Joe Hilgard writes:
Some years ago, you blogged about a research article by Hasan and colleagues (2013).
I had tried to direct your attention to the narrowness of the error bars, which I found suspicious. What I was really trying to say was that the effect size was much, much too big — by day 3, it is 3.5 standard deviations, or an R^2 of 78%.
I’ve finally managed to publish an article pointing out how implausibly massive that effect size is. I find that a much stronger manipulation yields a large effect size that is still only half as large as the original authors’ effect. It seems that there’s some kind of serious error in the original research.
Hilgard’s paper is called “Maximal positive controls: A method for estimating the largest plausible effect size.” Also, one of the authors of the earlier paper is Brad “Voodoo” Bushman. I wouldn’t trust anything Brad Bushman writes.

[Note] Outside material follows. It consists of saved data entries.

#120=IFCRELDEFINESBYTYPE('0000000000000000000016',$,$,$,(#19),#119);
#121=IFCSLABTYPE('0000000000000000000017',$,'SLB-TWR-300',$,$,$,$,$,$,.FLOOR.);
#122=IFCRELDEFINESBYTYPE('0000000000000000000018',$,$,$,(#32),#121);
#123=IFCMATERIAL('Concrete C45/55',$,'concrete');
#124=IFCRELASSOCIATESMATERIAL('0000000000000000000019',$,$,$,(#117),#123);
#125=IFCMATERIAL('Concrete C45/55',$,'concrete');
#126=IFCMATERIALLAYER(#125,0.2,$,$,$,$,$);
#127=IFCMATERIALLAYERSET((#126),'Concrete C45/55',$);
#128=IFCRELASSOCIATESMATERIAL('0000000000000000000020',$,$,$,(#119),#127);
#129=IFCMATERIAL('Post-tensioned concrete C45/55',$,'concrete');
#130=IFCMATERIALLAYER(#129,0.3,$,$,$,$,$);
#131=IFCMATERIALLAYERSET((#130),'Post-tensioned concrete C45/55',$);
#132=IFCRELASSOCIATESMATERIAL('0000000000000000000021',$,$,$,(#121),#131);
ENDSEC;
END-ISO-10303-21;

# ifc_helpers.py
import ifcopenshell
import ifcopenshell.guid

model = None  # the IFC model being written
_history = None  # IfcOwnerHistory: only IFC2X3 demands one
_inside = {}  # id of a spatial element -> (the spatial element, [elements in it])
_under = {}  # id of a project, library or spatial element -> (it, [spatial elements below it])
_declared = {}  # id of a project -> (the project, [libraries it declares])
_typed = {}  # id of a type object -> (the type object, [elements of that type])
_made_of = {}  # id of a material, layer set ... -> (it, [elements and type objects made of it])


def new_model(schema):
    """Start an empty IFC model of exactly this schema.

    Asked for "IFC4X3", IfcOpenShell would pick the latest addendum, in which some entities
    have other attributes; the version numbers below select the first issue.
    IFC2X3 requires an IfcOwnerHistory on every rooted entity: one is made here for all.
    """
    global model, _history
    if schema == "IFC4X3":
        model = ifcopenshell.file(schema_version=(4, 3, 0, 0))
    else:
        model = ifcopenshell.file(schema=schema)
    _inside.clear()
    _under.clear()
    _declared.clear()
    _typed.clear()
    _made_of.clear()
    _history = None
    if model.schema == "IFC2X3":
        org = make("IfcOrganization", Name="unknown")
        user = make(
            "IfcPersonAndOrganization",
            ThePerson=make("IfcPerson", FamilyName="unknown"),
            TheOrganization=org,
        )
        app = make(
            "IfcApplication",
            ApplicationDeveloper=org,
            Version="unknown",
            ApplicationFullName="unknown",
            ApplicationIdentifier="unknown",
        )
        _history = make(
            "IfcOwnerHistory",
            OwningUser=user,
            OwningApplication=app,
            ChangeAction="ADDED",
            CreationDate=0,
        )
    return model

In that earlier paper, Bushman and his colleagues characterized a three-day study as “long term.” So just beyond all the problems with statistics and data errors, we’re talking about people who don’t even accurately describe their own research claims.

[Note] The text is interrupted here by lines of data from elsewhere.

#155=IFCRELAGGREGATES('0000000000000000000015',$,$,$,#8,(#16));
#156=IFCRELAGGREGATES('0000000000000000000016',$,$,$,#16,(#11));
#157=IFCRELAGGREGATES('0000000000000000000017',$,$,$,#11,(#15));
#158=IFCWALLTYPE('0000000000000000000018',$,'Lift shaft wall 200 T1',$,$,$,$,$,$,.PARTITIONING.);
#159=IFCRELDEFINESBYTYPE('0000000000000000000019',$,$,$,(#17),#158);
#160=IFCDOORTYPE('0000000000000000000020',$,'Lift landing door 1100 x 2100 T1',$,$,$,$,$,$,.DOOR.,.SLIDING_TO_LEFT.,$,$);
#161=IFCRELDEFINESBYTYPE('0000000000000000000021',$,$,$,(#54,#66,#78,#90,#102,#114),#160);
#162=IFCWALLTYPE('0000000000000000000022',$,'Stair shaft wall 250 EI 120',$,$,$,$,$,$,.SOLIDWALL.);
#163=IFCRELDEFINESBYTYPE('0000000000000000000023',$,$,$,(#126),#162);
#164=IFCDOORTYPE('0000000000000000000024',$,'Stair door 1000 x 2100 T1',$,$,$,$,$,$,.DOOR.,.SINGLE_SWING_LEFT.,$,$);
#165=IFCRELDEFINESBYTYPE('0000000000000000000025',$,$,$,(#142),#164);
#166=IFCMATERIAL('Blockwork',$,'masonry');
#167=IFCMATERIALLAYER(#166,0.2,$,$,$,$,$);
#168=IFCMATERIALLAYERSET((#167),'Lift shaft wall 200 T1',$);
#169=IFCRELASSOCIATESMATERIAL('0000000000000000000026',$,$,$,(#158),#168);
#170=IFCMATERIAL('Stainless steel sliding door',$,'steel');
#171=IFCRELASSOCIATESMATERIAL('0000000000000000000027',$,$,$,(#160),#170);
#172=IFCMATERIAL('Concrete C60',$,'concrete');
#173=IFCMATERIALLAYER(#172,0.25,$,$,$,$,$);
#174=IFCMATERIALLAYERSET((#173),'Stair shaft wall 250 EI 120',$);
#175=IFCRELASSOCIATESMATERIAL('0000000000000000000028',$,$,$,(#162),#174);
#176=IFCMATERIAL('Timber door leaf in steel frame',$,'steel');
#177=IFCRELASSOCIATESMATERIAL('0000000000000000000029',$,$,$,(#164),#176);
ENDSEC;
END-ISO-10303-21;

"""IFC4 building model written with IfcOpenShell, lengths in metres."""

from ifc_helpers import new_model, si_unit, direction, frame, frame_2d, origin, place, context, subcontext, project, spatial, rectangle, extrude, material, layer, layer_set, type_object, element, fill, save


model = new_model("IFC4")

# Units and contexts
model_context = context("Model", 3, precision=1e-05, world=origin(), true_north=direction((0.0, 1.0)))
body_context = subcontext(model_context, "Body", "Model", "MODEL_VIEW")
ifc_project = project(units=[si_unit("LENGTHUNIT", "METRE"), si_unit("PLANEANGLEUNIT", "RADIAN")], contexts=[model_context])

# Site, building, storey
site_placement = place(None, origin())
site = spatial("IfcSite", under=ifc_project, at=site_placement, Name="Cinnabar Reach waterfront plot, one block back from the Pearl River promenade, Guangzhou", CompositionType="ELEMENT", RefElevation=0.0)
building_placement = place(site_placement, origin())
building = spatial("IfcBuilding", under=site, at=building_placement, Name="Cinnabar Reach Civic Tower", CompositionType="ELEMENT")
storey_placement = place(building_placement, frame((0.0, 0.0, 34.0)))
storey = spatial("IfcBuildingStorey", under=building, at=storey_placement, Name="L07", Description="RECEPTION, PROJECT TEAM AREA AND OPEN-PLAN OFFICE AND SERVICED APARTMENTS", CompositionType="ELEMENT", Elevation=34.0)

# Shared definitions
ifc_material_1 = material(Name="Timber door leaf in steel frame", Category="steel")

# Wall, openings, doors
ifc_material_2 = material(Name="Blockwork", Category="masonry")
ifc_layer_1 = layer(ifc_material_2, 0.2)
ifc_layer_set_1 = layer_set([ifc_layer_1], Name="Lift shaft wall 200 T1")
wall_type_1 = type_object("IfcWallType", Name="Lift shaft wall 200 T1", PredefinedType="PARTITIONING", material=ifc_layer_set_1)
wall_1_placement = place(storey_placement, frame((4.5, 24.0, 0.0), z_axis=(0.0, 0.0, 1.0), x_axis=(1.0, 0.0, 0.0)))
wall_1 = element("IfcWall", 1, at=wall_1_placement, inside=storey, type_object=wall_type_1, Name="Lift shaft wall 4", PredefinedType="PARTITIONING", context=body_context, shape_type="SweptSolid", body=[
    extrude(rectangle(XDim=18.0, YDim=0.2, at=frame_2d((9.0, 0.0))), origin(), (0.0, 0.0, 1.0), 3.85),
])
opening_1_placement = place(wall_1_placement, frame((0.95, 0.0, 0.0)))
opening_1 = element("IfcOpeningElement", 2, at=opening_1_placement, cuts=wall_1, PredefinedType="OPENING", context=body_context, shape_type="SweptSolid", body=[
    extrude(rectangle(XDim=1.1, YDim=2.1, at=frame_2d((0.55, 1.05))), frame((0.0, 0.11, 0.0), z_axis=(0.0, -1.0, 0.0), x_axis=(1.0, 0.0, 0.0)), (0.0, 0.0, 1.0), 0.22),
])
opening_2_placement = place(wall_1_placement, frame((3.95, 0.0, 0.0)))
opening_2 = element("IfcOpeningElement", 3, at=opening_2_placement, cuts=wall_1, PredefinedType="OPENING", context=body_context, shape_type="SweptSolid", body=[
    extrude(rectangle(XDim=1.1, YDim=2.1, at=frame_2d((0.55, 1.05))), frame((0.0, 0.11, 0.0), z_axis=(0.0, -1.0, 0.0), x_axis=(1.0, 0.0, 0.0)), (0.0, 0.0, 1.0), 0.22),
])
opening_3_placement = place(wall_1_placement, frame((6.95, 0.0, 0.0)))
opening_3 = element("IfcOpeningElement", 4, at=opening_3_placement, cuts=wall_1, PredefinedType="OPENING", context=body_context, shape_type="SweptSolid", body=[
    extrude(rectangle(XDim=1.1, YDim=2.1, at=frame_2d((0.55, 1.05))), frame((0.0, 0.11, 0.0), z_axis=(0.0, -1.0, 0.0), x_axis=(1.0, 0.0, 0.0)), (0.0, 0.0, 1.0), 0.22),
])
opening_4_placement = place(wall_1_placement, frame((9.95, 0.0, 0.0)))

Getting back to Hilgard’s general point: I find it frustrating when researchers don’t think about their effect sizes. This came up in some of our posts years ago on the claim about ovulation and voting (that women’s vote preferences change by 20 percentage points during different times of the month) and ovulation and clothing (that women were three times more likely to wear certain colors during certain times of the month). These are (a) ridiculously large effect sizes, (b) even more so given that everything is measured with error, which should cause attenuation of effect size estimates, and (c) very obviously explainable as the result of random chance. But the researchers in question would just not let go. On the plus side, all this discussion motivated a better understanding of experimental design, so future researchers can be helped even if some practitioners of old methods refuse to change their ways.
P.S. Hilgard adds:
I think that the post underplays what is potentially most scandalous here. It’s one thing to publish just-significant results that capitalize on sampling error—that might get someone as far as d=0.8, p=.040. This seems to be a different beast, though—how does this study find an effect nearly twice the size of “men are taller than women?” How did they find similarly massive effects in their 2012 JESP and 2014 conference presentation? If these results are accurate, they are some of the strongest results in all of social psychology. I think there is something wrong.
Yeah, I’m reminded of the painful email exchange I had with a psychology professor who was angry that I criticized at ovulation-and-clothing study. I kept asking him whether he really believed that women were three times more likely to wear red or pink during certain times of the month. He kept not answering. I think he recognized at some level that the effect size was ridiculous, but he didn’t care, because the purpose of the study was not to estimate an effect size but rather to demonstrate the existence of an effect. And, from that perspective, a huge effect size estimate was good because it represented super-strong evidence! It seems reasonable—even though it isn’t!—to think that p=0.03 with a huge effect size estimate is better than p=0.03 with a small effect size estimate. Actually, it’s not. The huge effect size estimate is just a signal that the estimate is really noisy, and we’re in kangaroo territory.